SAN FRANCISCO DE SALES
Hoy queremos acercarnos a una persona muy especial para nuestra familia salesiana cuya festividad celebramos el sábado pasado: San Francisco de Sales. Tal vez su nombre nos suena porque está en el nombre de nuestras escuelas, pero… ¿Quién fue realmente? Sin duda, una persona llave para Don Bosco. Vamos a descubrir por qué.
San Francisco de Sales vivió hace más de 400 años y fue un hombre que creyó profundamente en algo muy simple pero muy poderoso: la santidad no es solo para unos pocos, sino para todos, también para los jóvenes, para la gente común, para quienes estudian, se equivocan, se esfuerzan y vuelven a empezar.
Él decía que no hace falta hacer cosas extraordinarias para ser buenos cristianos, sino hacer lo ordinario con un amor extraordinario. Ser pacientes, tratar bien a los demás, no responder con violencia, ayudar al que lo necesita, dar lo mejor en lo que hacemos cada día. Eso, para San Francisco de Sales, era el verdadero camino.
Muchos años después, un joven sacerdote llamado Don Bosco se enamoró de esta forma de vivir la fe: cercana, alegre, confiada, llena de bondad. Por eso eligió a San Francisco de Sales como inspiración y puso su nombre a nuestra familia salesiana.
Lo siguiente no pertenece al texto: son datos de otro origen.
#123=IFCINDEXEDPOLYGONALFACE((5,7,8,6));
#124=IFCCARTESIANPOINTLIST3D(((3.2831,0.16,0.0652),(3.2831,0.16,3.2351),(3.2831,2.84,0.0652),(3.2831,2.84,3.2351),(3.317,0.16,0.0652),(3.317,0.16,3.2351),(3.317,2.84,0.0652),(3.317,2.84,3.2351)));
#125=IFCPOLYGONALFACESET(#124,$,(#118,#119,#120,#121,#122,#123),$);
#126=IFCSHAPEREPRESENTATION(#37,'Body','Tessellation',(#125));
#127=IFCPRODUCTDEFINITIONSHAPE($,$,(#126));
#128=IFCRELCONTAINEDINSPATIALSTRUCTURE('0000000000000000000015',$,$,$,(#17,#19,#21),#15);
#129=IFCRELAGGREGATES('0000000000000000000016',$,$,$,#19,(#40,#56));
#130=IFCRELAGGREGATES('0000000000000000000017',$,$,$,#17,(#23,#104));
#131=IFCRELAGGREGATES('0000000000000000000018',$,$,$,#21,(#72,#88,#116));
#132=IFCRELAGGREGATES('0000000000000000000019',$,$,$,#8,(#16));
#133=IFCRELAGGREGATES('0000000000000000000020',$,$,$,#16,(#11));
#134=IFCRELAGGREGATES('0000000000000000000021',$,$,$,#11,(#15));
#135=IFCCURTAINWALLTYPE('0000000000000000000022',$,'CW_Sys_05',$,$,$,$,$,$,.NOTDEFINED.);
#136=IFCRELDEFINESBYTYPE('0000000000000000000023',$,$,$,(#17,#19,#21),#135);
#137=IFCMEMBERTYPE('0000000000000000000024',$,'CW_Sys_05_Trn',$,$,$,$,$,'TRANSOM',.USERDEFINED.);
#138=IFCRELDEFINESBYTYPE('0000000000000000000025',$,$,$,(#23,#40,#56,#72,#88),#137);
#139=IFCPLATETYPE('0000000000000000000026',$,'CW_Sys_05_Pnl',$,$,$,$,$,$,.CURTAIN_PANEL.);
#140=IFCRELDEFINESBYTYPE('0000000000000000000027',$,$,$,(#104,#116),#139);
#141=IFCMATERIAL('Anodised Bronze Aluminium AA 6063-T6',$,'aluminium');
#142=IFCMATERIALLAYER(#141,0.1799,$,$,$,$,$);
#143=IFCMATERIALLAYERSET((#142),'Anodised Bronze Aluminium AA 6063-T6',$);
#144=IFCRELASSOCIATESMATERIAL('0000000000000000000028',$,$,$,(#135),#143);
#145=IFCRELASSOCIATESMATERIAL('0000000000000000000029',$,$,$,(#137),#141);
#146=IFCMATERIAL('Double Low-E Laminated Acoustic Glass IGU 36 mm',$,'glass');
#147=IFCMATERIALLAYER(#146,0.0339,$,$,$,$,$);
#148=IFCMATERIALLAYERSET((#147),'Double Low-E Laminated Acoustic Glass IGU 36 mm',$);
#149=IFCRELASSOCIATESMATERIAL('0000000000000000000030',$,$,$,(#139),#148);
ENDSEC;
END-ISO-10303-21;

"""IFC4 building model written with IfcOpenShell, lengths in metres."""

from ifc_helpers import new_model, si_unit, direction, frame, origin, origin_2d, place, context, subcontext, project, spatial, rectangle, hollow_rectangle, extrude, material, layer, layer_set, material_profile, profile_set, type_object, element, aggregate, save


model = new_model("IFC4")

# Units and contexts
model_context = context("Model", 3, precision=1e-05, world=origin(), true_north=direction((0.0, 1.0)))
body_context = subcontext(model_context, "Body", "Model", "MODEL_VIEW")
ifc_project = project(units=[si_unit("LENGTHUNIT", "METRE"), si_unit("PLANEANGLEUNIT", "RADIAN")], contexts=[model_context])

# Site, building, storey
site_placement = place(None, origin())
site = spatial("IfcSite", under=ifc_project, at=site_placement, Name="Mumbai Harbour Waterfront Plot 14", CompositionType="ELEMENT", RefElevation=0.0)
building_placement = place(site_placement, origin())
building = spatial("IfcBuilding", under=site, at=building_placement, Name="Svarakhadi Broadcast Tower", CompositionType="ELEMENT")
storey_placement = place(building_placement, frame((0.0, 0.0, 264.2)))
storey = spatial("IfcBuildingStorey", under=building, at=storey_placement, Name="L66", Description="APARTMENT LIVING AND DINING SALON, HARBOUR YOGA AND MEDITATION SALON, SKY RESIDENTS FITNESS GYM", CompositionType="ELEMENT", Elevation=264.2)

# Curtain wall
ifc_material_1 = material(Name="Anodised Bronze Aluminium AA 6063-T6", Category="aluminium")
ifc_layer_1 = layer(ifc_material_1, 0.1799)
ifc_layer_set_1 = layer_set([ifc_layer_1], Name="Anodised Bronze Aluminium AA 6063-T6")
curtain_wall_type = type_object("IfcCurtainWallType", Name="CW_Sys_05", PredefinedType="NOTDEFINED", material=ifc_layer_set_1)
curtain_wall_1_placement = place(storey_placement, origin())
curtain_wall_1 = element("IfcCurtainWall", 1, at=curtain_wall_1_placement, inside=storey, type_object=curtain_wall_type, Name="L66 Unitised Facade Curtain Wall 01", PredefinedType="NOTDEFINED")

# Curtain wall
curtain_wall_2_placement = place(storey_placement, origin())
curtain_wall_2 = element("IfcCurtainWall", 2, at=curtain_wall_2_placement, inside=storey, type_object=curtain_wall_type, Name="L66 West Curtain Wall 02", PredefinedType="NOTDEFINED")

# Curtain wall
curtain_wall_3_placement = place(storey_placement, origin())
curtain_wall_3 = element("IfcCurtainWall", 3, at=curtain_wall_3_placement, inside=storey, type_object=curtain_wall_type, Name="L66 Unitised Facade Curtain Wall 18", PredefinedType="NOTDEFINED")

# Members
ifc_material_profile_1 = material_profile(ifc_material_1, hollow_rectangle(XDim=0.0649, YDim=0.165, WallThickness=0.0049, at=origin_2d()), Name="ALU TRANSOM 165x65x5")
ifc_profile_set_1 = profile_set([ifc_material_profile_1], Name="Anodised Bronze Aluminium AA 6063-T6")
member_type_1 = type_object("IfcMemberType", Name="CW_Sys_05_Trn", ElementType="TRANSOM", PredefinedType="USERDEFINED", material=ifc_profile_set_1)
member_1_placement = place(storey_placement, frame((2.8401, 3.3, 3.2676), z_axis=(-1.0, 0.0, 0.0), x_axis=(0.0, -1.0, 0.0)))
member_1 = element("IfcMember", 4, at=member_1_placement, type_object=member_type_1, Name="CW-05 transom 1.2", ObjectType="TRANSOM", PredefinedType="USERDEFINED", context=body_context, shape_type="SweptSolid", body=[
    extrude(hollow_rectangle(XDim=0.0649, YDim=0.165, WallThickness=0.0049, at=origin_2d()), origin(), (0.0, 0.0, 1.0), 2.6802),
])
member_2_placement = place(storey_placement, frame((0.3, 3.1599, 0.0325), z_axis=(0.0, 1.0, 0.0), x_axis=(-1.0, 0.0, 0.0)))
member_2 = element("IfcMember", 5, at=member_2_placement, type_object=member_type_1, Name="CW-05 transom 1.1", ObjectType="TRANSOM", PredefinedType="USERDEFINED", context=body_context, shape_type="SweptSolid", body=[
Don Bosco aprendió de él que se puede educar y evangelizar con amabilidad, cercanía y alegría, no con miedo ni castigos, sino con amor.
Don Bosco confiaba muchísimo en vosotros, los jóvenes. Creía que cada uno tiene un tesoro en el corazón y que, con acompañamiento y confianza, puede llegar muy lejos. Y en ese camino nunca caminamos solos.
Aquí entra María Auxiliadora, la gran madre de la familia salesiana de la que el día 24, nos acordamos especialmente. Don Bosco decía: “Ella lo ha hecho todo”. María nos cuida, nos acompaña, nos levanta cuando caemos y nos anima a no rendirnos. San Francisco de Sales también confiaba plenamente en la Virgen, porque sabía que una madre siempre guía con ternura.
Hoy, en estos Buenos Días, la invitación es sencilla: - vivir con amabilidad, como San Francisco de Sales, - con alegría y confianza, como nos enseñó Don Bosco, - y de la mano de María Auxiliadora, que nunca nos suelta.
Que en este día podamos hacer algo pequeño, pero lleno de amor. Ahí empieza todo.
Dios te salve María…
María Auxilio de los cristianos, ruega por nosotros.